On assiste toujours à de nombreuses alertes sur les cas de disparitions d’enfants. Pourquoi le phénomène prend-t-il de l’ampleur ?

Le phénomène des disparitions d’enfants en Côte d’Ivoire suscite une forte inquiétude, mais il est important de noter que plusieurs facteurs de vulnérabilité se cumulent aujourd’hui, tandis que les mécanismes de protection de l’enfance au sein des familles et des communautés se sont progressivement affaiblis. Autrefois, les enfants grandissaient dans un environnement où la surveillance était souvent partagée entre les parents, la famille élargie, les voisins et l’ensemble de la communauté. Aujourd’hui, les familles sont davantage isolées, les parents sont fortement mobilisés par les contraintes économiques, et les liens de proximité se sont affaiblis. Parallèlement, certains enfants se voient confier des responsabilités qui dépassent leur niveau de maturité. Ils circulent seuls, gardent leurs cadets ou effectuent des tâches quotidiennes dans des environnements devenus plus complexes et moins sécurisés qu’auparavant. De plus, certains parents, devenus parents très jeunes ou sans accompagnement suffisant, n’ont pas toujours pleinement conscience des exigences permanentes qu’impose la protection d’un enfant dans le contexte actuel. De plus, la disparition progressive de certains réflexes communautaires contribue à cette vulnérabilité. Là où autrefois plusieurs adultes surveillaient naturellement les enfants du quartier, beaucoup considèrent aujourd’hui que cela relève exclusivement de la responsabilité des parents.

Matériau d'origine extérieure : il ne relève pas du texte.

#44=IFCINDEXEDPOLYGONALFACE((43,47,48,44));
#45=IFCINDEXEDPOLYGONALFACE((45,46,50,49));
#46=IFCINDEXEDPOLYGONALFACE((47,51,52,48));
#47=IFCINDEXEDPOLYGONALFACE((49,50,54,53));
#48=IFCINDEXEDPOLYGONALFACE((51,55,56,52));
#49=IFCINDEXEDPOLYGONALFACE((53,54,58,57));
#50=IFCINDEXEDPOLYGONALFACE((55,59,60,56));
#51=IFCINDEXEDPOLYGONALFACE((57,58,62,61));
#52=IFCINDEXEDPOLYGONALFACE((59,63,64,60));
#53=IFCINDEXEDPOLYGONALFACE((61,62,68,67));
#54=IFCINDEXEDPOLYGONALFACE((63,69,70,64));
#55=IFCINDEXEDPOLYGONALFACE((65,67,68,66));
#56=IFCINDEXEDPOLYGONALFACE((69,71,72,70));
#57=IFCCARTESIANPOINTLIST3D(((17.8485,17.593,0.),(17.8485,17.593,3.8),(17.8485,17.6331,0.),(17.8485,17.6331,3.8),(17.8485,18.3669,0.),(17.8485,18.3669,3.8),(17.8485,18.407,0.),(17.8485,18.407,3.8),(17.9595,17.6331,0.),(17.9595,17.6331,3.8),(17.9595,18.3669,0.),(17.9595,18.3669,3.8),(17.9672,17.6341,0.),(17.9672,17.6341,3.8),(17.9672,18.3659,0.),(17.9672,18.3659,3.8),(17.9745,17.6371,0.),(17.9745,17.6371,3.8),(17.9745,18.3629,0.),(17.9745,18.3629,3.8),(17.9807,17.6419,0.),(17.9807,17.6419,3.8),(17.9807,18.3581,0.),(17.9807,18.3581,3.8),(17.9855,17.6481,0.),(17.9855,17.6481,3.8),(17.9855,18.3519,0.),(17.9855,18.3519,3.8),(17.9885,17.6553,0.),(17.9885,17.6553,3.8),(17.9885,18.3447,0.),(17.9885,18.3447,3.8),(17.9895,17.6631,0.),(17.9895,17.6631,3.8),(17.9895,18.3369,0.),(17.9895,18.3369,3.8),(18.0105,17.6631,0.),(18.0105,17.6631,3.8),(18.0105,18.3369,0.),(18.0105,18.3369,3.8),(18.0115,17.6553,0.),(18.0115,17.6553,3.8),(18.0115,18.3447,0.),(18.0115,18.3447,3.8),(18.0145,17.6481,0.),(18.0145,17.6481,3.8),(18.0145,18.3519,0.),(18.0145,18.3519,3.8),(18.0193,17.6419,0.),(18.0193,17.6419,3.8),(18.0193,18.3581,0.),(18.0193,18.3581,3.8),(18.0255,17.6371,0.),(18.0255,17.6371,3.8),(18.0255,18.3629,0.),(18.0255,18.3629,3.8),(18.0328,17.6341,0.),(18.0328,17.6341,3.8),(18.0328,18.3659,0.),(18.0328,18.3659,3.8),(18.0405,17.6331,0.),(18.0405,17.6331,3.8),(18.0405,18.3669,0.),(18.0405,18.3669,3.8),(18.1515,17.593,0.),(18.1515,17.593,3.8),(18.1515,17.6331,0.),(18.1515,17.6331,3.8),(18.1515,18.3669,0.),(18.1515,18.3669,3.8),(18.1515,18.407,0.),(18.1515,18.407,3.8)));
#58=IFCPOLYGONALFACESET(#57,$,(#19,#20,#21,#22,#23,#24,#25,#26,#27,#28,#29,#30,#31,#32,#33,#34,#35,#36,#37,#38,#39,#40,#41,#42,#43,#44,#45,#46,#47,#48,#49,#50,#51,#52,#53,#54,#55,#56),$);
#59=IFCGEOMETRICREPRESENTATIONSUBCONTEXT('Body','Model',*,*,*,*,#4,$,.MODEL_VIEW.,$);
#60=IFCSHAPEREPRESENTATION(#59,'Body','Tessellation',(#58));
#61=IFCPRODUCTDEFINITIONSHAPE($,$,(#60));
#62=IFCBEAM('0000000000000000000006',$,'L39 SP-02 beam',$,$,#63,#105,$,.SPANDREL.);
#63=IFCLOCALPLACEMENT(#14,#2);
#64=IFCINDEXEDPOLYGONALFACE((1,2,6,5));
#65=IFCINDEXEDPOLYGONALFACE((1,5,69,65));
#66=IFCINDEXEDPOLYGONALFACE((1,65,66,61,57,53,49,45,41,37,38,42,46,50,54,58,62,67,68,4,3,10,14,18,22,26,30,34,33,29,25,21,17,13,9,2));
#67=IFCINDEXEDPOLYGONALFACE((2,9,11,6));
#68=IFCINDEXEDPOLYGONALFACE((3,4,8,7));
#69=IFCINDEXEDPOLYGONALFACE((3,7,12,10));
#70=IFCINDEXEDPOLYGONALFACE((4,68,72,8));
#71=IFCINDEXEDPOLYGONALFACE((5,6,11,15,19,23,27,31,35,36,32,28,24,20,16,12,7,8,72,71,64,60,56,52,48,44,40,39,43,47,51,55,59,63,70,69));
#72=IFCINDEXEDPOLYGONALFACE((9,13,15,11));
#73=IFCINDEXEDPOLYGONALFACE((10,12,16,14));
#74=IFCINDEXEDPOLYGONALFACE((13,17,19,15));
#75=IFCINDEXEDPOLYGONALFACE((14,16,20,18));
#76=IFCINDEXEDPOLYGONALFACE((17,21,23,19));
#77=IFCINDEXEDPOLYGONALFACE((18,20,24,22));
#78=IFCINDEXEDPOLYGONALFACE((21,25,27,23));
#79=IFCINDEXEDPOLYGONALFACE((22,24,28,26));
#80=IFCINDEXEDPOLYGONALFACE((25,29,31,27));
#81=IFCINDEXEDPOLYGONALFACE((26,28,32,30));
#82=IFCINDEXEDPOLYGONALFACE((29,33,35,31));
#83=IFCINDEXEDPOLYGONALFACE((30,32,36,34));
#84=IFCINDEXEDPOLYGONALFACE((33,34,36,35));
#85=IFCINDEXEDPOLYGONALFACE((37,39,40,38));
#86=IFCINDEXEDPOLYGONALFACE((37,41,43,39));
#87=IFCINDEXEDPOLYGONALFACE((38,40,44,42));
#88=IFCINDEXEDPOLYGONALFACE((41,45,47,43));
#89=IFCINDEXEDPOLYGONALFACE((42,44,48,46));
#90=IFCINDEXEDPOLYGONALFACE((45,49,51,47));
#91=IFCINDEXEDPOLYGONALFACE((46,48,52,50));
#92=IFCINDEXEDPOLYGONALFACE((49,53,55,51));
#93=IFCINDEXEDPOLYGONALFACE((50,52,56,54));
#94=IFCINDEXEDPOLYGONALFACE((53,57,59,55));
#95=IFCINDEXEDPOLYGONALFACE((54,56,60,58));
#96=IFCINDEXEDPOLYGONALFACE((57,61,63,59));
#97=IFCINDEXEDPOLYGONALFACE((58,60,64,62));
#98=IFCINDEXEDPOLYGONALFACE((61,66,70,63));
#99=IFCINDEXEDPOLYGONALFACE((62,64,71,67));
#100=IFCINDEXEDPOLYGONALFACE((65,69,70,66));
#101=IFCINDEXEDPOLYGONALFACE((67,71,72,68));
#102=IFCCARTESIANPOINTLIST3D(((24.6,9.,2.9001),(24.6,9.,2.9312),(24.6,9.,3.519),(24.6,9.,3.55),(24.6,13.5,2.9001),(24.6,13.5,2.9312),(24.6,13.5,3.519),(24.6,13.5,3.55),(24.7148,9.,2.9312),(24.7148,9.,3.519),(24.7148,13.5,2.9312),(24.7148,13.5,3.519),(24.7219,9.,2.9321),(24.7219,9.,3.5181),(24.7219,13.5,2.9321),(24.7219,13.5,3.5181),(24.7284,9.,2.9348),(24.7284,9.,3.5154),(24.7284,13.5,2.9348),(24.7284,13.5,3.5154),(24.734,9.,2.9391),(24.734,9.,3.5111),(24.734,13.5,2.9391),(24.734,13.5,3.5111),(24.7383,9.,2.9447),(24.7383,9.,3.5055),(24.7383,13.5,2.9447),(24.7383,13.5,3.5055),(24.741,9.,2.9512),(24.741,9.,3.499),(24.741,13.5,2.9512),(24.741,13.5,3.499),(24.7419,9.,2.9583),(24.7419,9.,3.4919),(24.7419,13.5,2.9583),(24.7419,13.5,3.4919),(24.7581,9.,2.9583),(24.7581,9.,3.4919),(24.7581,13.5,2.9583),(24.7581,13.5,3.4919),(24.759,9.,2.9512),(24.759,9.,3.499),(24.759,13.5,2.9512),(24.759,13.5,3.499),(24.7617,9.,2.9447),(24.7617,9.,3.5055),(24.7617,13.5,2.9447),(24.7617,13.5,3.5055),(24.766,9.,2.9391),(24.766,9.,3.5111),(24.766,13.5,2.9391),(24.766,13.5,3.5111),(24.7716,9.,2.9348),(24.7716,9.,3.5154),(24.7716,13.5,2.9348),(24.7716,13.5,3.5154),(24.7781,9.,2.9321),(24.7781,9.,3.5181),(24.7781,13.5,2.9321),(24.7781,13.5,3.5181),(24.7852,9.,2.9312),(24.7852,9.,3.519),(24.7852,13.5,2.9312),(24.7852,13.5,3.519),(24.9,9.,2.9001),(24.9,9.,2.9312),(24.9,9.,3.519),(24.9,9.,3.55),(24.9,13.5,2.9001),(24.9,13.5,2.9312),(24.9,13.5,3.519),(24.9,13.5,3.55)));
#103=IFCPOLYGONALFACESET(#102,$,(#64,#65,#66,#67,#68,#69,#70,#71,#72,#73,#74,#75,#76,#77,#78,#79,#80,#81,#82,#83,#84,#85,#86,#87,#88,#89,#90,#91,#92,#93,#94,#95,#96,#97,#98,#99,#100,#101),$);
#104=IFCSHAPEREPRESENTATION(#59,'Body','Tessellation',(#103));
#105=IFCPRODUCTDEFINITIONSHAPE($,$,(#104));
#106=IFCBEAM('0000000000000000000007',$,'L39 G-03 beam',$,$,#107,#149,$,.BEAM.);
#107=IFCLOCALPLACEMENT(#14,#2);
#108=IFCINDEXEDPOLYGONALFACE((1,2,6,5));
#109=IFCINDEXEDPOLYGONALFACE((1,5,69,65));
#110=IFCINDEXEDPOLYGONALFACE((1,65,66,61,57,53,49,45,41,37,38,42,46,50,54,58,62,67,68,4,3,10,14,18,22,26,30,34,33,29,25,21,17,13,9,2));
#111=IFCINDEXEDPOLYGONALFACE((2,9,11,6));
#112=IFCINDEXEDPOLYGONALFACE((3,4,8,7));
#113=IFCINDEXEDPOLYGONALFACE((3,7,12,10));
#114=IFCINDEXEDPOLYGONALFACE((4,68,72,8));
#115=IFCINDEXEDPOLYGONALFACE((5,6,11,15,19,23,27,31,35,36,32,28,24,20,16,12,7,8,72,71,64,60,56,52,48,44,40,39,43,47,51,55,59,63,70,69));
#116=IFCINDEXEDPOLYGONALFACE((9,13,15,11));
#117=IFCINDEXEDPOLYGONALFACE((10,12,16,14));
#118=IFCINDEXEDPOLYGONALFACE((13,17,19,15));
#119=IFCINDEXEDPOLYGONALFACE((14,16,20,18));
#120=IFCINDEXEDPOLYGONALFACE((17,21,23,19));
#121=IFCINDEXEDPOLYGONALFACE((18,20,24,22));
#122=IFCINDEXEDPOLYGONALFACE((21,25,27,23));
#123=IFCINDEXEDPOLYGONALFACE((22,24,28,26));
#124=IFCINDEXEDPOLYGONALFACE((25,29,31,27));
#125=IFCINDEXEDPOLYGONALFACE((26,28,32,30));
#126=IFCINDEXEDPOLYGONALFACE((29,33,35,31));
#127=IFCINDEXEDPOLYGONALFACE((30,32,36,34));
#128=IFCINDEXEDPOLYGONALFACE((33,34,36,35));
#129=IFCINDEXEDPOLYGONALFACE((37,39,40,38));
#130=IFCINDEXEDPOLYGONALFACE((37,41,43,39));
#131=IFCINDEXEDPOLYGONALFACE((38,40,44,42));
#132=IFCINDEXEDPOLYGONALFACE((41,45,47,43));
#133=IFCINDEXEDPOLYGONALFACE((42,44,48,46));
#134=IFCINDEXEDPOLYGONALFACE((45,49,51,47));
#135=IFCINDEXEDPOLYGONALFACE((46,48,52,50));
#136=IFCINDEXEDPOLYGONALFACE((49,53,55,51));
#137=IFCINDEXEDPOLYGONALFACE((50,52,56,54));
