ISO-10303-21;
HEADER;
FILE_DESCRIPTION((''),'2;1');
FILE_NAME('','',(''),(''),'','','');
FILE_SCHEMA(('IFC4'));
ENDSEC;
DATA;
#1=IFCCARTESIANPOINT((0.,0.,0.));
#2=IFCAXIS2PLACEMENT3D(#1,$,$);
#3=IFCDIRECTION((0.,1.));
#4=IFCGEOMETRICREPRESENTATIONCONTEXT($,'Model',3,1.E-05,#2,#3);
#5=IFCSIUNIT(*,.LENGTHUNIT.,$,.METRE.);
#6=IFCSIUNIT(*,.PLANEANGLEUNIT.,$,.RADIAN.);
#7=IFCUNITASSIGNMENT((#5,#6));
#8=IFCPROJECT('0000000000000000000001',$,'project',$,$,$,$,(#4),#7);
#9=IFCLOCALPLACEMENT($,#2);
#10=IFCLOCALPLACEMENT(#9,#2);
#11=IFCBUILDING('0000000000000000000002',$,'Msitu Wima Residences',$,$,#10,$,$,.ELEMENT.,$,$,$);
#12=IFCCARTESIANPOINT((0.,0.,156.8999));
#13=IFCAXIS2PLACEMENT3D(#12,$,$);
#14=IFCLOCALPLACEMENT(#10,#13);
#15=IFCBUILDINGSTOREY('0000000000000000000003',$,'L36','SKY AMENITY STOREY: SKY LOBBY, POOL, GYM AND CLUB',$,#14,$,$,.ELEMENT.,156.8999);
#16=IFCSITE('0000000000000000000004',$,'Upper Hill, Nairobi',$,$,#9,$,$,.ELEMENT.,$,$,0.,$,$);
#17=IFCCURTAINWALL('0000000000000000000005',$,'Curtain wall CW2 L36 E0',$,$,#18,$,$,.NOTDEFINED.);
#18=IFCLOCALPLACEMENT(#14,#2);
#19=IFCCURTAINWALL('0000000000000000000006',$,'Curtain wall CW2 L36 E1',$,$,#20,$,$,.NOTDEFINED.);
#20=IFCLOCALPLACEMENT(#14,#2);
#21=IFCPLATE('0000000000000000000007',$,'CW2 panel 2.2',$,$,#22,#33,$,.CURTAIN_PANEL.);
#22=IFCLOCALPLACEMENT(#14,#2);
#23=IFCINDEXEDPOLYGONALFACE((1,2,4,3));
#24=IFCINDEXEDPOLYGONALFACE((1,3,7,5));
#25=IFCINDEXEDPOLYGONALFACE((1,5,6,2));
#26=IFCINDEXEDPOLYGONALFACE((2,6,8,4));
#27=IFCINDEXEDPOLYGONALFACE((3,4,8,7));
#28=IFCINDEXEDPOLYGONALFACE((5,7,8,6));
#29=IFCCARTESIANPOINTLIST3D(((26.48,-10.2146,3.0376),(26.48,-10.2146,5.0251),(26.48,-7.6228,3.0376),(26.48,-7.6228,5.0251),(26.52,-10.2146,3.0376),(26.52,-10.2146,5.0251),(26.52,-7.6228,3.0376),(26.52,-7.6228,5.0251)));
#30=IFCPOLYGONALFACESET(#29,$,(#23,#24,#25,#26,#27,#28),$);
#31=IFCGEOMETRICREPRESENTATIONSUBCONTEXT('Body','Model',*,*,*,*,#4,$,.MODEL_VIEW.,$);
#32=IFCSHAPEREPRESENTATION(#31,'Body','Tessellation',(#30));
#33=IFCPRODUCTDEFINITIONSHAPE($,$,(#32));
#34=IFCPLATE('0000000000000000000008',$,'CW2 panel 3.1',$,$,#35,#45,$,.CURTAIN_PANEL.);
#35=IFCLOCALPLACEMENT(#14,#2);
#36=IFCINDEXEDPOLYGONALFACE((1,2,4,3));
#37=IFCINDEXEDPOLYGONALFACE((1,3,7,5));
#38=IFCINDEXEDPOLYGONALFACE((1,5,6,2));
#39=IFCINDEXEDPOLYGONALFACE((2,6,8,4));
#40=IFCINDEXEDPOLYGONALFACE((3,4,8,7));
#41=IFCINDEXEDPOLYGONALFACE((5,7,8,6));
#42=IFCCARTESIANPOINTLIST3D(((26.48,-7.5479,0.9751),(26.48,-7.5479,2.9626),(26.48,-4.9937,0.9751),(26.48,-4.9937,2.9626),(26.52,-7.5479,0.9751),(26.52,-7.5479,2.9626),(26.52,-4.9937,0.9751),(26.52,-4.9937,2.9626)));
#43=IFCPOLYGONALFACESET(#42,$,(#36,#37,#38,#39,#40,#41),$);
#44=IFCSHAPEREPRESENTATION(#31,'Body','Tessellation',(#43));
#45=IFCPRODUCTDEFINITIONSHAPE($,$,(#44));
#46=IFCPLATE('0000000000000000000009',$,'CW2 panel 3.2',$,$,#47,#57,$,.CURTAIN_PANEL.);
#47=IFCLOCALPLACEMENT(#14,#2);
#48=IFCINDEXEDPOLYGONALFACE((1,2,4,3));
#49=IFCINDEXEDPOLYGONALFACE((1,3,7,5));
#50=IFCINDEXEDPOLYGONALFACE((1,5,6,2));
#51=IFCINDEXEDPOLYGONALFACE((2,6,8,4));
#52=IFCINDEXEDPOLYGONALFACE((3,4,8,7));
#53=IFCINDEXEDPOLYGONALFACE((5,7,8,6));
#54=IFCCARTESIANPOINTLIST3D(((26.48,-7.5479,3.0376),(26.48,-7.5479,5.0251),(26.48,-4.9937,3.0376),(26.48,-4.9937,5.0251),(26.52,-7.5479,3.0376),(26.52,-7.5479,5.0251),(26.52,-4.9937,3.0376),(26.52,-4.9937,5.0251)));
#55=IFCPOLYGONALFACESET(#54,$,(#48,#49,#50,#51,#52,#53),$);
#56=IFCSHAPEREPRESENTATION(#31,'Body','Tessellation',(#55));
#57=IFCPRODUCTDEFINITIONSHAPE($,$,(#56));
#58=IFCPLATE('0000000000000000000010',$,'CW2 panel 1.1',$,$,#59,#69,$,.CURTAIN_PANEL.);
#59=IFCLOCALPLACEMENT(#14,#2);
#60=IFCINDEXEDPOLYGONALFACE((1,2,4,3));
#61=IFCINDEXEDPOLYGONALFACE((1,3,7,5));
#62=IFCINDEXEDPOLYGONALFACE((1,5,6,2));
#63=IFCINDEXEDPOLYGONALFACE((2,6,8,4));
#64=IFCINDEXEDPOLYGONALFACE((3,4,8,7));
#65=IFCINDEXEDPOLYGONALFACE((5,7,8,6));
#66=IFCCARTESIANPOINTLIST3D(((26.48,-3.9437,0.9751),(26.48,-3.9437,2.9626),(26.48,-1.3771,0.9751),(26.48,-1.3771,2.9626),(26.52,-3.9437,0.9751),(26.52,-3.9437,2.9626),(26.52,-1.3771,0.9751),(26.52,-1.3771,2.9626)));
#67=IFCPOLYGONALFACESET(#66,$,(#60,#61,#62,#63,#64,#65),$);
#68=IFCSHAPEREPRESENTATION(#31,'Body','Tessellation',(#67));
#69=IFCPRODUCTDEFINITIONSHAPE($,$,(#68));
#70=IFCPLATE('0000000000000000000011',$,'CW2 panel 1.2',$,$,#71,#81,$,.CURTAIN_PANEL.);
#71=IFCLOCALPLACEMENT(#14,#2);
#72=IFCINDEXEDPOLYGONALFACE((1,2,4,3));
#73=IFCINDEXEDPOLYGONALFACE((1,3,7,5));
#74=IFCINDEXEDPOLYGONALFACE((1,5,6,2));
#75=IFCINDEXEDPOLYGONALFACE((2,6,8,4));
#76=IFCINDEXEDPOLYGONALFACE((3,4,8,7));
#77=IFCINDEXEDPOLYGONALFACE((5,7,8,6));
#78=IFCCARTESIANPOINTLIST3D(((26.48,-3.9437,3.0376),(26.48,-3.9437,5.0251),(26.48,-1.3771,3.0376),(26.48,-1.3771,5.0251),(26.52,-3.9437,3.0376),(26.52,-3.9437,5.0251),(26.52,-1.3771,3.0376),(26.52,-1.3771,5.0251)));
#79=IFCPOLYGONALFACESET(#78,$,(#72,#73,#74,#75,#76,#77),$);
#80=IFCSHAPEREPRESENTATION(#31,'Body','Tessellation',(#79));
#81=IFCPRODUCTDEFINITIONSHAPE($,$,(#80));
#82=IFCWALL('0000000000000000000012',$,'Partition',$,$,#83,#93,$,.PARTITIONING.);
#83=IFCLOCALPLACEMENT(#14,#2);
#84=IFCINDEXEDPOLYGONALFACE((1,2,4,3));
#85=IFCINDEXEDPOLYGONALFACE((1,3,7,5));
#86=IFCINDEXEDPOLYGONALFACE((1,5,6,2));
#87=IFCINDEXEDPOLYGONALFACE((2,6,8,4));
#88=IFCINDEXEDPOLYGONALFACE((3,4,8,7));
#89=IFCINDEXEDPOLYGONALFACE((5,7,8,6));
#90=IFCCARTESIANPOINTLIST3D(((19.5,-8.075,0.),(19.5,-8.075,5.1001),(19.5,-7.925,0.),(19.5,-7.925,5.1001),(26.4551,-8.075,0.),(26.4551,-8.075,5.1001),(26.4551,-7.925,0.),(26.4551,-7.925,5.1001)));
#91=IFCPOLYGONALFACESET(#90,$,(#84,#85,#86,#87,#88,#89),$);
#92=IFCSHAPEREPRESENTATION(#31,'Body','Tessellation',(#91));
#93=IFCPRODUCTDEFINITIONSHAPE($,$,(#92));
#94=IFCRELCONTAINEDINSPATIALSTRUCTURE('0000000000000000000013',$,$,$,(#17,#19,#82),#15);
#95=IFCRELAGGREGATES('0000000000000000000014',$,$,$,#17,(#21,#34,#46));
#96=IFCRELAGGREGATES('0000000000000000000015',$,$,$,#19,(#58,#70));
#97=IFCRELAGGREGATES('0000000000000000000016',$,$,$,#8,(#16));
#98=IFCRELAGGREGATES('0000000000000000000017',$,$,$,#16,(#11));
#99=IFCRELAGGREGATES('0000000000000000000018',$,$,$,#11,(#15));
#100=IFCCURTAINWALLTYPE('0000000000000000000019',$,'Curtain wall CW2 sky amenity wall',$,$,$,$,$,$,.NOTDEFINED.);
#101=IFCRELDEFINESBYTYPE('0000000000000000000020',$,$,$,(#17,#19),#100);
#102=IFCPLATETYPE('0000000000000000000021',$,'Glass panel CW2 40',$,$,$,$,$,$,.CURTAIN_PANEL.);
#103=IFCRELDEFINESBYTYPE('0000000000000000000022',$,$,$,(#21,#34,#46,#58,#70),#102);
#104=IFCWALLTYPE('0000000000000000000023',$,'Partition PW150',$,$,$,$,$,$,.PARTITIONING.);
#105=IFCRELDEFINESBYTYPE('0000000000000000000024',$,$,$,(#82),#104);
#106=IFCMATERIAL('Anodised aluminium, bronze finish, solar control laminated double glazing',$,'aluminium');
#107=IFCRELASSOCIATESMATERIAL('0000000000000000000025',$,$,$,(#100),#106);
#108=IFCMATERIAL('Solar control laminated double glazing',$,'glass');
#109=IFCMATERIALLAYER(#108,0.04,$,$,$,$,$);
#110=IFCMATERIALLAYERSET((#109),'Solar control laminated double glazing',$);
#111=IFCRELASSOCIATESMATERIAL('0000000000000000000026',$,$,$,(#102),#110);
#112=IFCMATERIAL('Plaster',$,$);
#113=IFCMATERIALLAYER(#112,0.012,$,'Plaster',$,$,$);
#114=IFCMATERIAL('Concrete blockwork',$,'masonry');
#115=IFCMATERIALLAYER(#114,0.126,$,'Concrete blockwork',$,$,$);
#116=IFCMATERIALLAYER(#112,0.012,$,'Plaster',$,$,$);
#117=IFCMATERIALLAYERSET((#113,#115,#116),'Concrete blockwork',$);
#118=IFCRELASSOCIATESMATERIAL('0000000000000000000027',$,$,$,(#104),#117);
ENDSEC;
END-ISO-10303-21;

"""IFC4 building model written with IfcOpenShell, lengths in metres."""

from ifc_helpers import new_model, si_unit, direction, frame, frame_2d, origin, origin_2d, place, context, subcontext, project, spatial, rectangle, extrude, material, layer, layer_set, type_object, element, aggregate, save


model = new_model("IFC4")

# Units and contexts
model_context = context("Model", 3, precision=1e-05, world=origin(), true_north=direction((0.0, 1.0)))
body_context = subcontext(model_context, "Body", "Model", "MODEL_VIEW")
ifc_project = project(units=[si_unit("LENGTHUNIT", "METRE"), si_unit("PLANEANGLEUNIT", "RADIAN")], contexts=[model_context])

# Site, building, storey
site_placement = place(None, origin())
site = spatial("IfcSite", under=ifc_project, at=site_placement, Name="Upper Hill, Nairobi", CompositionType="ELEMENT", RefElevation=0.0)
building_placement = place(site_placement, origin())
building = spatial("IfcBuilding", under=site, at=building_placement, Name="Msitu Wima Residences", CompositionType="ELEMENT")
storey_placement = place(building_placement, frame((0.0, 0.0, 156.8999)))
storey = spatial("IfcBuildingStorey", under=building, at=storey_placement, Name="L36", Description="SKY AMENITY STOREY: SKY LOBBY, POOL, GYM AND CLUB", CompositionType="ELEMENT", Elevation=156.8999)

# Curtain walls
ifc_material_1 = material(Name="Anodised aluminium, bronze finish, solar control laminated double glazing", Category="aluminium")
curtain_wall_type = type_object("IfcCurtainWallType", Name="Curtain wall CW2 sky amenity wall", PredefinedType="NOTDEFINED", material=ifc_material_1)
curtain_wall_1_placement = place(storey_placement, origin())
curtain_wall_1 = element("IfcCurtainWall", 1, at=curtain_wall_1_placement, inside=storey, type_object=curtain_wall_type, Name="Curtain wall CW2 L36 E0", PredefinedType="NOTDEFINED")
curtain_wall_2_placement = place(storey_placement, origin())
curtain_wall_2 = element("IfcCurtainWall", 2, at=curtain_wall_2_placement, inside=storey, type_object=curtain_wall_type, Name="Curtain wall CW2 L36 E1", PredefinedType="NOTDEFINED")

# Plates
ifc_material_2 = material(Name="Solar control laminated double glazing", Category="glass")
ifc_layer_1 = layer(ifc_material_2, 0.04)
ifc_layer_set_1 = layer_set([ifc_layer_1], Name="Solar control laminated double glazing")
plate_type = type_object("IfcPlateType", Name="Glass panel CW2 40", PredefinedType="CURTAIN_PANEL", material=ifc_layer_set_1)
plate_1_placement = place(storey_placement, frame((26.5, -8.9187, 3.0376), z_axis=(0.0, 0.0, 1.0), x_axis=(0.0, 1.0, 0.0)))
plate_1 = element("IfcPlate", 3, at=plate_1_placement, type_object=plate_type, Name="CW2 panel 2.2", PredefinedType="CURTAIN_PANEL", context=body_context, shape_type="SweptSolid", body=[
    extrude(rectangle(XDim=2.5918, YDim=0.04, at=origin_2d()), origin(), (0.0, 0.0, 1.0), 1.9875),
])
plate_2_placement = place(storey_placement, frame((26.5, -6.2708, 0.9751), z_axis=(0.0, 0.0, 1.0), x_axis=(0.0, 1.0, 0.0)))
plate_2 = element("IfcPlate", 4, at=plate_2_placement, type_object=plate_type, Name="CW2 panel 3.1", PredefinedType="CURTAIN_PANEL", context=body_context, shape_type="SweptSolid", body=[
    extrude(rectangle(XDim=2.5542, YDim=0.04, at=origin_2d()), origin(), (0.0, 0.0, 1.0), 1.9875),
])
plate_3_placement = place(storey_placement, frame((26.5, -6.2708, 3.0376), z_axis=(0.0, 0.0, 1.0), x_axis=(0.0, 1.0, 0.0)))
plate_3 = element("IfcPlate", 5, at=plate_3_placement, type_object=plate_type, Name="CW2 panel 3.2", PredefinedType="CURTAIN_PANEL", context=body_context, shape_type="SweptSolid", body=[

Les réseaux sociaux participent-ils à retrouver ces enfants ?

Effectivement, les réseaux sociaux contribuent très souvent à retrouver des enfants disparus en permettant une diffusion rapide des avis de recherche, une mobilisation massive de la population et la collecte rapide de témoignages. Grâce à eux, l’information peut atteindre en quelques heures des milliers de personnes susceptibles d’apercevoir l’enfant ou de fournir des renseignements utiles. Cependant, ils présentent aussi des limites, notamment la propagation de fausses informations, de rumeurs ou d’anciennes alertes qui peuvent compliquer les recherches. Les réseaux sociaux sont donc devenus un outil précieux pour la protection de l’enfance, mais ils restent plus efficaces lorsqu’ils complètent l’action des familles, des communautés et des autorités compétentes.

Plusieurs cas sont de fausses alertes, car on retrouve les enfants. Est-ce la négligence des parents ?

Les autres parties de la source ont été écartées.